As he started to put on the weight Ohio State asked him to, James was hurt and required shoulder surgery in the offseason, which kept him from competing at full-strength at national recruiting camps this spring.

Now he’s healthy, almost at his future playing size and ready to show that he’s much better than the 27th-ranked player in Ohio.

Trey Leroux has to show discipline off the field, growth on it

Ohio State’s lowest-rated, non-kicker recruit is Norwalk 3-star offensive tackle prospect Trey Leroux. It was a surprise to many when the Buckeyes offered the massive 6-foot-8, almost 360-pound offensive tackle in March, choosing Leroux over a handful of higher-ranked in-state players.

The choice to offer and accept a commitment from Leroux was based on a few things, primarily his size — he was closer to 330-pounds at the time. He also has impressive footwork, which is better than average for a player of his stature. His junior film showed marked improvement from the season’s opener to its finish, and there’s a belief that with the right coaching, he can be developed into a legitimate Big Ten-caliber offensive lineman.

However, Leroux struggled at The Opening regional, finding little success against the defensive linemen in attendance. And the weight he’s been told he has to control has fluctuated. Now it’s football season again, and a lot of that weight will come off naturally. But the offensive lineman has to win that battle on his own while he continues to develop on the field.

We’ve written it over and over here at Lettermen Row: There are no just-because scholarship offers from Ohio State. The Buckeyes trust Leroux to handle his business. Now he’s just got to prove he will.

Darrion Henry rankings drop provides fuel for senior season fire

He says it doesn’t bother him and that he’s not thinking about it often, but there’s no doubt that Darrion Henry is eager to get back to work on the football field this season.

After dropping nearly 500 spots in the 247Sports.com rankings following a subpar camp performance this spring — his first football workouts after a pretty serious shoulder injury that required offseason surgery — Henry has a lot to prove. To himself, to national recruiting analysts and even to fans who now doubt that he’s the blue-chip prospect he was regarded as just six months ago.
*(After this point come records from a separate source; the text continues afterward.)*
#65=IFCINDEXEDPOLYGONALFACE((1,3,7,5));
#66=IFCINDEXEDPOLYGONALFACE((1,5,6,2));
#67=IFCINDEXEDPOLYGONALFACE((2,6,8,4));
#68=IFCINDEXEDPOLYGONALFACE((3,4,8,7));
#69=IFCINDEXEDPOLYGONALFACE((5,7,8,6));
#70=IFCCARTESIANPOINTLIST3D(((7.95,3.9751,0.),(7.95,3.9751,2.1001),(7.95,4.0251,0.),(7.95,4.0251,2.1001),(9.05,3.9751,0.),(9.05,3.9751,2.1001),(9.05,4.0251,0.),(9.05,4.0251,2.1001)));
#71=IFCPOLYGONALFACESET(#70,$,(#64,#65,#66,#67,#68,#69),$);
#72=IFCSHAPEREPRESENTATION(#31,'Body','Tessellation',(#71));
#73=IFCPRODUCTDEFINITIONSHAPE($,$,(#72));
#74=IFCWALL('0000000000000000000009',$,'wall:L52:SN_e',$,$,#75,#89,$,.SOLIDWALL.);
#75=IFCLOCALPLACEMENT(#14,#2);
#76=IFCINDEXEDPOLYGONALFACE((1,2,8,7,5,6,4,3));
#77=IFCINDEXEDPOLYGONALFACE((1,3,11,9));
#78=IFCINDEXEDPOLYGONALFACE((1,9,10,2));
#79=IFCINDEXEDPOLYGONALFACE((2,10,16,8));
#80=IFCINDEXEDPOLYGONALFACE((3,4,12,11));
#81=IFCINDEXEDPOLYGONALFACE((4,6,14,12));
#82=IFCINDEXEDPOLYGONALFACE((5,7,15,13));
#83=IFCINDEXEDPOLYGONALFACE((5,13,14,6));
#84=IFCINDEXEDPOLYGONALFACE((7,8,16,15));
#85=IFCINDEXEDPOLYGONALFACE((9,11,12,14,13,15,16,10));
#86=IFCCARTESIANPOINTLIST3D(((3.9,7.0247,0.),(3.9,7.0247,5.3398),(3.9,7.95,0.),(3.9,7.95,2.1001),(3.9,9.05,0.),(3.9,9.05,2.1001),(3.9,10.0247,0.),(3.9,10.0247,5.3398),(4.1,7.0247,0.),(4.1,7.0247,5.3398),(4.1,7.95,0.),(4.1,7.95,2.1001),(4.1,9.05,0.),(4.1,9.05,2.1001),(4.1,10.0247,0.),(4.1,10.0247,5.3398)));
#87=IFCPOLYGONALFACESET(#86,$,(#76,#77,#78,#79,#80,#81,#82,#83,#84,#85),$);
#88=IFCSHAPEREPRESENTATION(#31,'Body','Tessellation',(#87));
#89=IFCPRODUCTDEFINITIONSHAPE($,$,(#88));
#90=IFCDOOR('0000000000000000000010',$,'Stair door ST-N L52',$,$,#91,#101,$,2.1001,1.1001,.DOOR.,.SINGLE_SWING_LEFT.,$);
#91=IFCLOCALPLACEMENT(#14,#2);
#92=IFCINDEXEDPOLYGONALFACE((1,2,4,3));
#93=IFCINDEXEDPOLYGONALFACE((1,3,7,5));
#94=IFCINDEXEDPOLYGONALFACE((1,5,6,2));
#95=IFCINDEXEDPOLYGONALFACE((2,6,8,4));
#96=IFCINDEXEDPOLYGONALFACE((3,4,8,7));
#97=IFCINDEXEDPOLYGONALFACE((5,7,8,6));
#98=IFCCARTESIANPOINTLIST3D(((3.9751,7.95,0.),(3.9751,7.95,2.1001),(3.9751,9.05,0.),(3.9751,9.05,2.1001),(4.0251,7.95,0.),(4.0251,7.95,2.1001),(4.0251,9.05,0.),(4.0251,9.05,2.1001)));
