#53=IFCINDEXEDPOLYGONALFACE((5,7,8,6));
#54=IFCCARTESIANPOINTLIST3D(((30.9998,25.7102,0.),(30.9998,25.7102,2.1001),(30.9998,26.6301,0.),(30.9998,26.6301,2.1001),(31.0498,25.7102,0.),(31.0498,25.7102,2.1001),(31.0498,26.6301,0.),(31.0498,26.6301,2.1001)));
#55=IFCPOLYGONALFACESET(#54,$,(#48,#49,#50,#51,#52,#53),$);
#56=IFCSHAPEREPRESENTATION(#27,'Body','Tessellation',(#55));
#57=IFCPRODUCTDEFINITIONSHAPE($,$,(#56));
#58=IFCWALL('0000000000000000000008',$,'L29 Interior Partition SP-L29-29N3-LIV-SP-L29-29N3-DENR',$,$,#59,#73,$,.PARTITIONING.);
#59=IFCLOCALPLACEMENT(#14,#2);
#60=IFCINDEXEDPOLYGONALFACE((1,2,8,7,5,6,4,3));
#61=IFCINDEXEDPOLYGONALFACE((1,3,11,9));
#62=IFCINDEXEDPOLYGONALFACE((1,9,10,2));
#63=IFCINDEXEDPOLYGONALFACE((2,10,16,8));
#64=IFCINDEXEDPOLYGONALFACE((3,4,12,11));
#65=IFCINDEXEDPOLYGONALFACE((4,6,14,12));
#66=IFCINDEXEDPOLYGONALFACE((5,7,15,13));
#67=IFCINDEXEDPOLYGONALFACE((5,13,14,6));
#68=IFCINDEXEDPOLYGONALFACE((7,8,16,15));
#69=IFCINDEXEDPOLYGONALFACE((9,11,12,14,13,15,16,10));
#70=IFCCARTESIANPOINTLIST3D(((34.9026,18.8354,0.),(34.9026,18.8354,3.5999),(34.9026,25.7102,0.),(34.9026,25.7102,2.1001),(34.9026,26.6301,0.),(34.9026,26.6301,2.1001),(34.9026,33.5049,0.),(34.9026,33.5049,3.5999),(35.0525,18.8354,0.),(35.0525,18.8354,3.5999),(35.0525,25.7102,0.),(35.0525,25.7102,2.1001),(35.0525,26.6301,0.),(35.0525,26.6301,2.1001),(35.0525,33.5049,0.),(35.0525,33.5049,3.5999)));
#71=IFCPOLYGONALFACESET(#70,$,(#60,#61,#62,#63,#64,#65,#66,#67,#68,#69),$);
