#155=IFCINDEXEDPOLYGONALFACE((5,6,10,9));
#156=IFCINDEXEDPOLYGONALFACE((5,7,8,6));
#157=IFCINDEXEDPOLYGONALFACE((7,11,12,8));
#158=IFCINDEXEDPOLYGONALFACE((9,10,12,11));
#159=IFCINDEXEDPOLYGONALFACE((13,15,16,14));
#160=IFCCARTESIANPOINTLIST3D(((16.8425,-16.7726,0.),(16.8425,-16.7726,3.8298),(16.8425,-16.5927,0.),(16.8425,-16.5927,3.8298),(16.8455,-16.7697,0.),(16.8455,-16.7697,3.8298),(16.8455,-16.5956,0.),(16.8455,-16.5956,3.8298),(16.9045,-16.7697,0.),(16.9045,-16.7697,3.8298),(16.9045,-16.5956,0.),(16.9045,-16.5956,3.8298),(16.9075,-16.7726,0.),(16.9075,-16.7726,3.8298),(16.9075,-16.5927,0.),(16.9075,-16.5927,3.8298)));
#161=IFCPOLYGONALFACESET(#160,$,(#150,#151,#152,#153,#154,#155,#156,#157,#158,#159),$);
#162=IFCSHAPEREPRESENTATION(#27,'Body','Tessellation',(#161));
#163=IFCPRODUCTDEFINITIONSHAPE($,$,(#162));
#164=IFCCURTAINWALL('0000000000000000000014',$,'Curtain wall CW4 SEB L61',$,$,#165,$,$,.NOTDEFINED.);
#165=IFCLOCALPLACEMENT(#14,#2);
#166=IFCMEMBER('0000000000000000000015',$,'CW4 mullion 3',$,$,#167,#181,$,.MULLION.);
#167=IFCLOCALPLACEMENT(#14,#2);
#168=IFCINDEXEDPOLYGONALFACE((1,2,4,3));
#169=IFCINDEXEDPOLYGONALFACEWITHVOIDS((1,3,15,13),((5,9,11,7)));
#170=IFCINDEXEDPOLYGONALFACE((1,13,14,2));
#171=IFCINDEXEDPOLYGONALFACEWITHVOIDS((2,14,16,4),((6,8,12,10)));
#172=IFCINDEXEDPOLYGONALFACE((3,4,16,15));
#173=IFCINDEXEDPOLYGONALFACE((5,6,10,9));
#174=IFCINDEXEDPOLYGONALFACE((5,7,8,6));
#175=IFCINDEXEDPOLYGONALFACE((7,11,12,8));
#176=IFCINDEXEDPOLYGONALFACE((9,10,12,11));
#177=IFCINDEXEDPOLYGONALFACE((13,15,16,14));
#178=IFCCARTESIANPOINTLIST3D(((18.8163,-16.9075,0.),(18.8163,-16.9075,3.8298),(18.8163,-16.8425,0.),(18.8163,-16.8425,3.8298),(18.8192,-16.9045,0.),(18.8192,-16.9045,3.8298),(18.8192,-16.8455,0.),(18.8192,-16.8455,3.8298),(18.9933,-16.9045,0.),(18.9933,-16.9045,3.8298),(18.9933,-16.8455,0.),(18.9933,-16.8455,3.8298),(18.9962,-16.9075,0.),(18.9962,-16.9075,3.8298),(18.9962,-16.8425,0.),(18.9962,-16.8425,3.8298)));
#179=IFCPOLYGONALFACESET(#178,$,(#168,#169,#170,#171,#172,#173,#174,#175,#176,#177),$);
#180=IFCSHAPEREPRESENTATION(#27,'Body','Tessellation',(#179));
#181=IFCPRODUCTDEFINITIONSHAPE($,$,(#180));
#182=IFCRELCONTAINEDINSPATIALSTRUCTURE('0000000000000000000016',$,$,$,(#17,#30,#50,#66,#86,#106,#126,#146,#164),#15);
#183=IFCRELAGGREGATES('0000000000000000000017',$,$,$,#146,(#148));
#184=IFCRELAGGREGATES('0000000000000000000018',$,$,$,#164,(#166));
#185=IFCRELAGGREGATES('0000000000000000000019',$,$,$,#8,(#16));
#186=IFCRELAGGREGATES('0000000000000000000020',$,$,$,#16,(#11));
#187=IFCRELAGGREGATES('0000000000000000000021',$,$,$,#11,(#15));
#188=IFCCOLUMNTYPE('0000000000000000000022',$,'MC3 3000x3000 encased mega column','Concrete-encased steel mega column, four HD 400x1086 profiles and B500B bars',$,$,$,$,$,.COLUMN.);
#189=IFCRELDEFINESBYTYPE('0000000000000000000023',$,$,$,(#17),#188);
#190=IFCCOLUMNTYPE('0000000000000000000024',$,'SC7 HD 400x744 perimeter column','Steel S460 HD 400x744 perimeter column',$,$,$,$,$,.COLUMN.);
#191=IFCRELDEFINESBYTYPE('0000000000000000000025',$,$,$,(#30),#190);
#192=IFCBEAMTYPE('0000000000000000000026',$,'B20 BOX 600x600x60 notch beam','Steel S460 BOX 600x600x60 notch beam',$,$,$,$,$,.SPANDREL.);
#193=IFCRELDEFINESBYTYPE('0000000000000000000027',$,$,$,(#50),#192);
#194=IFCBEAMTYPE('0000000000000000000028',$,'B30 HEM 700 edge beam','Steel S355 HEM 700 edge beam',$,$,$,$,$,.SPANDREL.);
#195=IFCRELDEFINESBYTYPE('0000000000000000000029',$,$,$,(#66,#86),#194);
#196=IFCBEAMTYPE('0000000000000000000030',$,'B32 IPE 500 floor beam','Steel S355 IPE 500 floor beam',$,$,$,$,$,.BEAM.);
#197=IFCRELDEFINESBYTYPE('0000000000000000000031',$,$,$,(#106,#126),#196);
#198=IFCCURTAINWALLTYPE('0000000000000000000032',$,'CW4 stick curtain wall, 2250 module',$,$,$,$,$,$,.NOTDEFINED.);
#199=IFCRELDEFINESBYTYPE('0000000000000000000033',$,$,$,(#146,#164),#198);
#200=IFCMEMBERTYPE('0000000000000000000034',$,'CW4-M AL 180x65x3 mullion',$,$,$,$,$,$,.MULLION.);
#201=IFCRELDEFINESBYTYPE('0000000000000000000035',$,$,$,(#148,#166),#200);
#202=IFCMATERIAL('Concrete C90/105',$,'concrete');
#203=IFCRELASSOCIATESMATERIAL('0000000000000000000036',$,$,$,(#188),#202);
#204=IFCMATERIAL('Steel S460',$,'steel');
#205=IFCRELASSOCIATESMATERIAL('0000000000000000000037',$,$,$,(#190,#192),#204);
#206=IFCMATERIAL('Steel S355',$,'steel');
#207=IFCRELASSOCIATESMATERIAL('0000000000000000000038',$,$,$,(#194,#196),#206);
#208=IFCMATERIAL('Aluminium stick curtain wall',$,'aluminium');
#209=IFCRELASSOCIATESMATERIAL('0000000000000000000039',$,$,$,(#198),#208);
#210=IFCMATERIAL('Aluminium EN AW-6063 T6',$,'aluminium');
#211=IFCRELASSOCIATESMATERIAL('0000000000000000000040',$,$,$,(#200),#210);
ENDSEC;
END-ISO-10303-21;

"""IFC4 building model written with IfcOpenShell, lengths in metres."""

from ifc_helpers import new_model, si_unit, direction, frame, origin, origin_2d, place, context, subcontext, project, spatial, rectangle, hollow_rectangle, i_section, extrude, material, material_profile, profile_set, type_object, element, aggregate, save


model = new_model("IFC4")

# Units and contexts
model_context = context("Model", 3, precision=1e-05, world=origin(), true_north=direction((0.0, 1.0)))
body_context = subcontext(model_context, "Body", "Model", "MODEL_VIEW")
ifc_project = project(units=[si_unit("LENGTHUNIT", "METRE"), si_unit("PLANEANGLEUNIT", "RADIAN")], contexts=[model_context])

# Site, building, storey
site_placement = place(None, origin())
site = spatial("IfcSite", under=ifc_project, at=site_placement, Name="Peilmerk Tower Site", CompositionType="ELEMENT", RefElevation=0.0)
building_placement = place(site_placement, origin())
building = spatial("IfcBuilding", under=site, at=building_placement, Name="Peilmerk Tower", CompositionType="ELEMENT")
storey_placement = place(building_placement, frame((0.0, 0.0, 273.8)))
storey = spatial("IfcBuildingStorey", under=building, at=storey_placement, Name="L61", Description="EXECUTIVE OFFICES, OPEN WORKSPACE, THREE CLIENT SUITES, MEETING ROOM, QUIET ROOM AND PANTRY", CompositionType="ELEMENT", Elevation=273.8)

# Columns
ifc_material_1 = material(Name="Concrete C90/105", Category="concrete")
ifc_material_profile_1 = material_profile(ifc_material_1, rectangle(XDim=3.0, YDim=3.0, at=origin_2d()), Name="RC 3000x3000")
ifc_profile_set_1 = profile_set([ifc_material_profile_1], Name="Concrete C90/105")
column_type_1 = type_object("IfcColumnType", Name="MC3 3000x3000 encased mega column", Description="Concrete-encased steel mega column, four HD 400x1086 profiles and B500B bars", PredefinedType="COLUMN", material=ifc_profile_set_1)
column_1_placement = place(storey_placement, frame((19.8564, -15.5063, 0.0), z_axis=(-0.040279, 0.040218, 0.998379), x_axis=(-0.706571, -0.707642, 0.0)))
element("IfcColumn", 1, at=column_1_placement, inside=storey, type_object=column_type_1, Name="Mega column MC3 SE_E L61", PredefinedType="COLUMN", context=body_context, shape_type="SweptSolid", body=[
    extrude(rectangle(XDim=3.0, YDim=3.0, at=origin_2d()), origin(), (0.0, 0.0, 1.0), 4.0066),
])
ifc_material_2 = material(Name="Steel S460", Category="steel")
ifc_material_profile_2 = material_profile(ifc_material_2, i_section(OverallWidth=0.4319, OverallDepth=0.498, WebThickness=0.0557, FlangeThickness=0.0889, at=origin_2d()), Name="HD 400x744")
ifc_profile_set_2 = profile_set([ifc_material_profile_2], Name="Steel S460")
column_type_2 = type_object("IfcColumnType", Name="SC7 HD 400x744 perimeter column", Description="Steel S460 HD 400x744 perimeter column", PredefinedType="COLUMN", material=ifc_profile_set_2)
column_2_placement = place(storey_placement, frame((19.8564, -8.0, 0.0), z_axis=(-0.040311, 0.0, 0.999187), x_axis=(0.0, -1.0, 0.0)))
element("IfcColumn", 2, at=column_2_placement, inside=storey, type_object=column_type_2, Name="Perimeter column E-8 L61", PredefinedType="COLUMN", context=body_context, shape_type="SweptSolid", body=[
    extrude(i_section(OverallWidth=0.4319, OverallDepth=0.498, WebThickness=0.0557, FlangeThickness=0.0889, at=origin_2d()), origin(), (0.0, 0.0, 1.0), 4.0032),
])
He can play it off, and he’s trying to, but the embers have been stoked. Now Henry is ready to explode this year.

“I’m not one of the guys that’s all about the rankings,” he said. “But I’m like, ‘You know I had surgery?’ I wasn’t really tripping that much, and I laughed it off a little bit. But it was one of those moments where I’ve got to show them how I got there in the first place. It really humbled me more than anything, really.

“The rankings don’t make me. It’ll be noticed by how I play this year.”